SUMMARY Rare and de novo single nucleotide variants (SNVs) and copy number variants (CNVs) are major risk factors for Neurodevelopmental Disorders (NDDs). The majority of NDD-associated SNVs affect a single allele of a gene, leading to haploinsufficiency. Correcting haploinsufficiency by increasing the expression level of the deficient allele could provide an attractive strategy for NDDs treatment. A variant of CRISPR, CRISPRa (CRISPR activation), offers the possibility to modulate the expression of endogenous genes by directly targeting their promoters or enhancers. Here, we are proposing to apply CRISPRa to upregulate the levels of Cul3 ubiquitin ligase, a high-confidence gene for NDDs. We have recently generated a haploinsufficient Cul3 mouse model. Brain MRI found decreased volume of cortical regions starting from early postnatal development and persisting into adulthood. Spatiotemporal transcriptomic and proteomic profiling implicated cytoskeletal and synaptic defects as key drivers of Cul3 functional impact. Specifically, dendritic growth, filamentous actin puncta, and spontaneous network activity measured by multielectrode arrays (MEA) were reduced in Cul3 mutant mice. Cul3 mutant mice also exhibited hyperactive behavior, along with social and cognitive deficits. We hypothesize that upregulation of Cul3 dosage early in development with CRSIPRa will rescue some (or all) of the observed phenotypes, and will lay the basis for general therapeutic interventions in NDDs. The goal of this project is to demonstrate the feasibility of compensating for Cul3 haploinsufficiency by rebalancing neuronal, molecular, cellular and network activity phenotypes. We will achieve this goal through the following Specific Aims: (1) To evaluate rescue potential of cellular and molecular phenotypes in the Cul3+/- CRISPRa mice; (2) To evaluate rescue potential of brain architecture and cognitive deficits in Cul3+/- CRISPRa mice. Our study will represent an effective strategy for rebalancing Cul3 (and potentially other NDD genes) deficiency and correcting associated phenotypes.

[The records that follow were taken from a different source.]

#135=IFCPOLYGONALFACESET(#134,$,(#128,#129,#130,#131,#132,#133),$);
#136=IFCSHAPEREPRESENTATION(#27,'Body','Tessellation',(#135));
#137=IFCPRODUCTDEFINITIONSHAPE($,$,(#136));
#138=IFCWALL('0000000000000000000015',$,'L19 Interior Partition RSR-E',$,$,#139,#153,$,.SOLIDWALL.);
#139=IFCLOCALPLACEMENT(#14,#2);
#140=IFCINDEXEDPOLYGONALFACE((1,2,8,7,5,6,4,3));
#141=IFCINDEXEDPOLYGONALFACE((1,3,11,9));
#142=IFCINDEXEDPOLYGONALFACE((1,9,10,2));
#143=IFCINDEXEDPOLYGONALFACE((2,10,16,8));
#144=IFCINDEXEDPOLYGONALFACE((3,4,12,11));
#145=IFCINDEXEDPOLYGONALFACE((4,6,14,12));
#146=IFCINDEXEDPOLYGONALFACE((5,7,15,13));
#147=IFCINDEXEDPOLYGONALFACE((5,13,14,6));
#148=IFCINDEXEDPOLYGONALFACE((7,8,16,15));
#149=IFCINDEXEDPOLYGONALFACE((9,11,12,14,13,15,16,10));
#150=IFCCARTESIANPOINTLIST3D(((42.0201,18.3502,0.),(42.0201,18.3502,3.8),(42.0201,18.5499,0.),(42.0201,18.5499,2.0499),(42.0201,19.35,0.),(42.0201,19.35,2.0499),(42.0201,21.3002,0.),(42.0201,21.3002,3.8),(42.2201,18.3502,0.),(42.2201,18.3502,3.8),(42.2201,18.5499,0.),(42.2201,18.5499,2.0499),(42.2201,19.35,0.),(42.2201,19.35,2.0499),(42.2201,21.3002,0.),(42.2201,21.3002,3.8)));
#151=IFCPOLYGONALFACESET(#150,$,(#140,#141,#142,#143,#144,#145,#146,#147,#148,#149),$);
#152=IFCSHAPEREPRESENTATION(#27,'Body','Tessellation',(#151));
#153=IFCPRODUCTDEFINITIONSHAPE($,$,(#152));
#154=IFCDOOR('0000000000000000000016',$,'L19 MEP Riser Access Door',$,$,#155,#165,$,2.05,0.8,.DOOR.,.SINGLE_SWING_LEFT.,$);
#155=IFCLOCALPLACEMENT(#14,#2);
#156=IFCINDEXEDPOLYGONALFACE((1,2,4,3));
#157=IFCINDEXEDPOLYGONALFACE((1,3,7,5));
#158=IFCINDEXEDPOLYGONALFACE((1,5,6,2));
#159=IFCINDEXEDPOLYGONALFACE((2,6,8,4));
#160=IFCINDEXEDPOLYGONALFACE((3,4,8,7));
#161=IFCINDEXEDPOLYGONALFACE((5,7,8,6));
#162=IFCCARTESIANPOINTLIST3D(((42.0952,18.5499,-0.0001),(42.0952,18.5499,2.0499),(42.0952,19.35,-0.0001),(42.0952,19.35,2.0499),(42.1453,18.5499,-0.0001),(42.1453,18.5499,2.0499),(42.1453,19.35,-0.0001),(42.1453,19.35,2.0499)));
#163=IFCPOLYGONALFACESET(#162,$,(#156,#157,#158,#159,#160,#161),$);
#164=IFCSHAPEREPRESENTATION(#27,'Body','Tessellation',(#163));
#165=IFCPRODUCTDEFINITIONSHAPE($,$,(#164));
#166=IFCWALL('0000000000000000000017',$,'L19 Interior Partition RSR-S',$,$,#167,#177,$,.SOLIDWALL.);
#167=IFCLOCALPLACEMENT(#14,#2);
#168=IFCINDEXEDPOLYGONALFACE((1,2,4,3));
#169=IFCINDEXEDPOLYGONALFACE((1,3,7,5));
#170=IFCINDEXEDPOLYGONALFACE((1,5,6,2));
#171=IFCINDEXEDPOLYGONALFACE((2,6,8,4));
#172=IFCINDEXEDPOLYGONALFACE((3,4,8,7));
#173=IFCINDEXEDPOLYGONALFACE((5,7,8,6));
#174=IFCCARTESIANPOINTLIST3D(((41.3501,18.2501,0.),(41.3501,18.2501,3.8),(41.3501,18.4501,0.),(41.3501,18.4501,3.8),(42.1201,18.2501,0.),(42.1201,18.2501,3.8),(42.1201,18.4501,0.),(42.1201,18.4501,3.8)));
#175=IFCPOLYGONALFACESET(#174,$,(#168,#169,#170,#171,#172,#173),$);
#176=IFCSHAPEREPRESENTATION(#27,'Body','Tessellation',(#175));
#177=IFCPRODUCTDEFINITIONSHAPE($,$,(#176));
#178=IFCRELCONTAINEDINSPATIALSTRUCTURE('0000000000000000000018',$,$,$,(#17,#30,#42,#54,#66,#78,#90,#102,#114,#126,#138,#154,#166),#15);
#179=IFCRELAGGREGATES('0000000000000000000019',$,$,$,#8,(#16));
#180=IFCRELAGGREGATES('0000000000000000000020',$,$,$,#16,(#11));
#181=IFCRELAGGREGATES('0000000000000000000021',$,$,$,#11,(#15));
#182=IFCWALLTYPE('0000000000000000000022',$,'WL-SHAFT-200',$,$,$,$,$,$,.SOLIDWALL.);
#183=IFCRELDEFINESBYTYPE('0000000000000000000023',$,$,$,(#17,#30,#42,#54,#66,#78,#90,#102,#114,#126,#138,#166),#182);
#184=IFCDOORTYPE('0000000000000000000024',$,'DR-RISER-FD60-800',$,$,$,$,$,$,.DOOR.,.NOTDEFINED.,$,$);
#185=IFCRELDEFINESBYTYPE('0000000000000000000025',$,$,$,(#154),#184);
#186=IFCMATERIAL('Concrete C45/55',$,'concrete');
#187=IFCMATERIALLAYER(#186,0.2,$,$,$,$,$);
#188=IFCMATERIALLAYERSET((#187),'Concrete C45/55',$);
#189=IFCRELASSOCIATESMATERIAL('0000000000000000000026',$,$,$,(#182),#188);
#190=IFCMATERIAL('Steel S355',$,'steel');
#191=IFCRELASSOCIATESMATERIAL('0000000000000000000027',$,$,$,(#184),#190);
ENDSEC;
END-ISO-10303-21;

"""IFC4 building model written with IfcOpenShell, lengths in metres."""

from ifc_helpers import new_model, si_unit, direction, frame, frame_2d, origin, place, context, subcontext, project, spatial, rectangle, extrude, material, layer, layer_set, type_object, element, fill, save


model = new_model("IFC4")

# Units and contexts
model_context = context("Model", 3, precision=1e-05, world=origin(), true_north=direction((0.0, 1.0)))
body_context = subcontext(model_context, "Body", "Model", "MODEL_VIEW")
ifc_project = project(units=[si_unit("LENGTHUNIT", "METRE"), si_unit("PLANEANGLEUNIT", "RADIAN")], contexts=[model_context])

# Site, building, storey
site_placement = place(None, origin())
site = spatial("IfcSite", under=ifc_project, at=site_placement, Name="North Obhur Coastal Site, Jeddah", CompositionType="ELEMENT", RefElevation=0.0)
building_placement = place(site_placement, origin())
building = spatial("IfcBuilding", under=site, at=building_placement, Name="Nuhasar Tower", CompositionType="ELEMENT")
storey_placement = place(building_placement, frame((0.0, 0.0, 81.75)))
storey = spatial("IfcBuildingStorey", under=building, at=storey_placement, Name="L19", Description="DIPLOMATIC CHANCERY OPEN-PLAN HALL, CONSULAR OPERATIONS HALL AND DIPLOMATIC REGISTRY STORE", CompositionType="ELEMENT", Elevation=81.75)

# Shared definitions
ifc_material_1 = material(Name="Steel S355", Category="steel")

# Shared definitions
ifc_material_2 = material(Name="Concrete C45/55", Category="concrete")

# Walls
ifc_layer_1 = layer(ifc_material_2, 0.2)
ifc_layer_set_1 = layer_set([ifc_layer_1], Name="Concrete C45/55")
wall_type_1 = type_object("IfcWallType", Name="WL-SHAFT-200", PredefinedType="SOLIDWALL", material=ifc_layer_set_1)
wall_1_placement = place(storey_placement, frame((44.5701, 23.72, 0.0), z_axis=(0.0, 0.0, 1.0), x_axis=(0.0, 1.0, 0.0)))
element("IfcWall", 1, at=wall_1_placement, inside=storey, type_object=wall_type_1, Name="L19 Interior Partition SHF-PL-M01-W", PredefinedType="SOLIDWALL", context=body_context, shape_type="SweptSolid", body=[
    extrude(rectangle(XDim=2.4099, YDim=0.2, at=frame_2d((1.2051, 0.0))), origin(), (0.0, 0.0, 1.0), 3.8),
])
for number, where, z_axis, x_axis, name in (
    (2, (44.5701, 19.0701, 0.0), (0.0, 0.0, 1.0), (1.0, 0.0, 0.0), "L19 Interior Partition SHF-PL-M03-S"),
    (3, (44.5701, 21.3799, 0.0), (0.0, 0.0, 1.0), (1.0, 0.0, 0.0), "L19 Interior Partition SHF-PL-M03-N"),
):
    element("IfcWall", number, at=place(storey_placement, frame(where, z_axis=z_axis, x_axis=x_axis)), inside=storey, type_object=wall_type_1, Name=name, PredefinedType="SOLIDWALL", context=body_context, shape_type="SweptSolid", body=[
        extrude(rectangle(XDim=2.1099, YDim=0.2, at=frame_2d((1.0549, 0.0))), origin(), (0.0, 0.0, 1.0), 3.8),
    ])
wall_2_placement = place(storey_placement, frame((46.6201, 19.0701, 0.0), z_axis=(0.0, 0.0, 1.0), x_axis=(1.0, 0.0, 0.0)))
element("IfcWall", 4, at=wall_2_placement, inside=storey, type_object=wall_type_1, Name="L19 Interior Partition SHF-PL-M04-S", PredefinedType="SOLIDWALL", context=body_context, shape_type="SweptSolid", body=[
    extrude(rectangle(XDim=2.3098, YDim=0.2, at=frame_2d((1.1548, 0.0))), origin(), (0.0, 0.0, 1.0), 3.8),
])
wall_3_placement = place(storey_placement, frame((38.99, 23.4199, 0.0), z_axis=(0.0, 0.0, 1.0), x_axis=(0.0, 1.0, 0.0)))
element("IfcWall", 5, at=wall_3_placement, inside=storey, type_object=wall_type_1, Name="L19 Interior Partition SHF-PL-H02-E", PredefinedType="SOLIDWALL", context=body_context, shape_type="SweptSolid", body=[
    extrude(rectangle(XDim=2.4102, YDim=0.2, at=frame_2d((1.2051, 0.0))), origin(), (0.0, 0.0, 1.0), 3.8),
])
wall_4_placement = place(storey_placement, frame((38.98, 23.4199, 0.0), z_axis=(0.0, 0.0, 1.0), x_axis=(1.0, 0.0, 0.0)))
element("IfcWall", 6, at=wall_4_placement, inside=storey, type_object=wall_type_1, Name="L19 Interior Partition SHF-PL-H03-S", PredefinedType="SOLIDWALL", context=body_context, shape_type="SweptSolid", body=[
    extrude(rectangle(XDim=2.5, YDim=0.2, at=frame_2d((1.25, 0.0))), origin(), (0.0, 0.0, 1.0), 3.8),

概括 罕见和从头的单核苷酸变异（SNV）和拷贝数变异（CNV）是主要的危险因素 神经发育障碍（NDD）。大多数 NDD 相关 SNV 影响基因的单个等位基因， 导致单倍体不足。通过增加缺陷的表达水平来纠正单倍体不足 等位基因可以为 NDD 治疗提供有吸引力的策略。 CRISPR 的一种变体，CRISPRa（CRISPR 激活），提供了通过直接靶向内源基因来调节内源基因表达的可能性 启动子或增强子。在这里，我们建议应用CRISPRa来上调Cul3泛素的水平 连接酶，NDD 的高置信度基因。我们最近生成了一个单倍剂量不足的 Cul3 小鼠模型。 脑部 MRI 发现，皮质区域的体积从出生后早期发育开始就开始减少，并持续存在 进入成年期。涉及细胞骨架和突触的时空转录组和蛋白质组分析 缺陷是 Cul3 功能影响的关键驱动因素。具体来说，树突生长、丝状肌动蛋白斑点和 通过多电极阵列 (MEA) 测量的自发网络活动在 Cul3 突变小鼠中减少。铜3 突变小鼠还表现出过度活跃的行为，以及社交和认知缺陷。我们假设 在开发早期使用 CRSIPRa 上调 Cul3 剂量将挽救一些（或全部）观察到的情况 表型，并将为 NDD 的一般治疗干预奠定基础。该项目的目标 是为了证明通过重新平衡神经元、分子、 细胞和网络活动表型。我们将通过以下具体目标来实现这一目标：（1） 评估 Cul3+/- CRISPRa 小鼠细胞和分子表型的拯救潜力； (2) 评价 拯救 Cul3+/- CRISPRa 小鼠大脑结构和认知缺陷的潜力。我们的研究将代表 重新平衡 Cul3（以及可能的其他 NDD 基因）缺陷和纠正相关的有效策略 表型。